We continue to believe that this transaction will provide value to our shareholders, growth for our company, and future opportunities for our associates. We are confident that it is a positive move. During the next several months and throughout this transition period, we are counting on you to take care of our customers, support one another, and stay focused on running our businesses with honesty and integrity. You are the key ingredient to our success.
Steve Spinner
President & CEO
P.S. Remember, you can share your comments with us at straighttalk@pfgc.com. We want to hear from you!
IMPORTANT ADDITIONAL INFORMATION WILL BE FILED WITH THE SEC
In connection with the proposed merger, PFG will file a definitive proxy statement with the SEC. INVESTORS AND SECURITY HOLDERS ARE ADVISED TO READ THE PROXY STATEMENT WHEN IT BECOMES AVAILABLE BECAUSE IT WILL CONTAIN IMPORTANT INFORMATION ABOUT THE MERGER AND THE PARTIES THERETO. Investors and security holders may obtain a free copy of the proxy statement (when available) and other documents filed by PFG at the SEC’s Web site at http://www.sec.gov. The proxy statement and such other documents may also be obtained for free from PFG by directing such request to Performance Food Group Company, 12500 West Creek Parkway, Richmond, VA 23238 Attention: Investor Relations. Investors and security holders are urged to read the proxy statement and the other relevant materials before making any voting or investment decision with respect to the proposed transaction.

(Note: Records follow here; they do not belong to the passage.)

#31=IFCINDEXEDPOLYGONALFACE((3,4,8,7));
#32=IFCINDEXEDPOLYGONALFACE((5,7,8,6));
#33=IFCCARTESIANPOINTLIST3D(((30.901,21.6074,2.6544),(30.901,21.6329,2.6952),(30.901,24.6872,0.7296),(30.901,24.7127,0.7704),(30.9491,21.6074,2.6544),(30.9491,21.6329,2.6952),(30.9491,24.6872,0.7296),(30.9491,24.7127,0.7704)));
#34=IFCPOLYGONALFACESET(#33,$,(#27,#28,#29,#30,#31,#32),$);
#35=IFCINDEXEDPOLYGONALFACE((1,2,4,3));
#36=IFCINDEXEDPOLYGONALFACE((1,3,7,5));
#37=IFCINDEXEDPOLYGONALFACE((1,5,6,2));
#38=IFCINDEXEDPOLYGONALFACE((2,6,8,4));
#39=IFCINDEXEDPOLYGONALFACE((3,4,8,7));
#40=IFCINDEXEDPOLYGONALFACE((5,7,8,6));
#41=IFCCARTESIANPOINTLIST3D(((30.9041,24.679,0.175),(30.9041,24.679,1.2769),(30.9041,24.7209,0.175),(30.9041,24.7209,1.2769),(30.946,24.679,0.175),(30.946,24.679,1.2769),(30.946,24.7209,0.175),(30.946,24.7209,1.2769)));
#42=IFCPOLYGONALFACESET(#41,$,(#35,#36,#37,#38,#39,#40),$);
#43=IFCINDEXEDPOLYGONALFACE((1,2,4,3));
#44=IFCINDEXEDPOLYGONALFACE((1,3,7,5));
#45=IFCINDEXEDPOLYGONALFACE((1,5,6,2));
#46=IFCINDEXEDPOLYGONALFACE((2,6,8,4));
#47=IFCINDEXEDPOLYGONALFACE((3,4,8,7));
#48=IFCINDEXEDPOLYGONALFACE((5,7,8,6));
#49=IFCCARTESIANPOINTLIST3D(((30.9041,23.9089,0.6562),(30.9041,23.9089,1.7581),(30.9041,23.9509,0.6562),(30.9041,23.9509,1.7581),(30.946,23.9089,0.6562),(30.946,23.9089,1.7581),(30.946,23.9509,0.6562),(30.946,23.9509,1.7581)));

PFG and its directors, executive officers and other members of its management and employees may be deemed to be participants in the solicitation of proxies from its shareholders in connection with the proposed merger. Information concerning the interests of PFG’s participants in the solicitation, which may be different than those of PFG’s shareholders generally, is set forth in PFG’s proxy statements and Annual Reports on Form 10-K, previously filed with the SEC, and will be set forth in the definitive proxy statement relating to the merger when it becomes available.
CAUTIONARY NOTE REGARDING FORWARD-LOOKING STATEMENTS
This document contains forward-looking statements based on current PFG management expectations. Those forward-looking statements include all statements other than those made solely with respect to historical fact. Numerous risks, uncertainties and other factors may cause actual results to differ materially from those expressed in any forward-looking statements. These factors include, but are not limited to, (1) the occurrence of any event, change or other circumstances that could give rise to the termination of the merger agreement, including a termination that under certain circumstances could require PFG to pay a $40.0 million termination fee to VISTAR; (2) the outcome of any legal proceedings that have been or may be instituted against PFG and others relating to the merger agreement; (3) the failure of the merger to close for any reason, including the inability to complete the merger due to the failure to obtain shareholder approval or the failure to satisfy other conditions to completion of the merger or the failure to obtain the necessary debt financing arrangements set forth in commitment letters received in connection with the merger, and the risk that any failure of the merger to close may adversely affect PFG’s business and the price of PFG’s common stock; (5) risks that the proposed transaction diverts management’s attention and disrupts current plans and operations, and the potential difficulties in employee retention as a result of the merger; (6) the effect of the announcement of the merger and actions taken in anticipation of the merger on PFG’s business relationships, operating results and business generally; and (7) the amount of the costs, fees, expenses and charges related to the merger. Many of the factors that will determine the outcome of the subject matter of this press release are beyond PFG’s ability to control or predict. PFG undertakes no obligation to revise or update any forward-looking statements, or to make any other forward-looking statements, whether as a result of new information, future events or otherwise.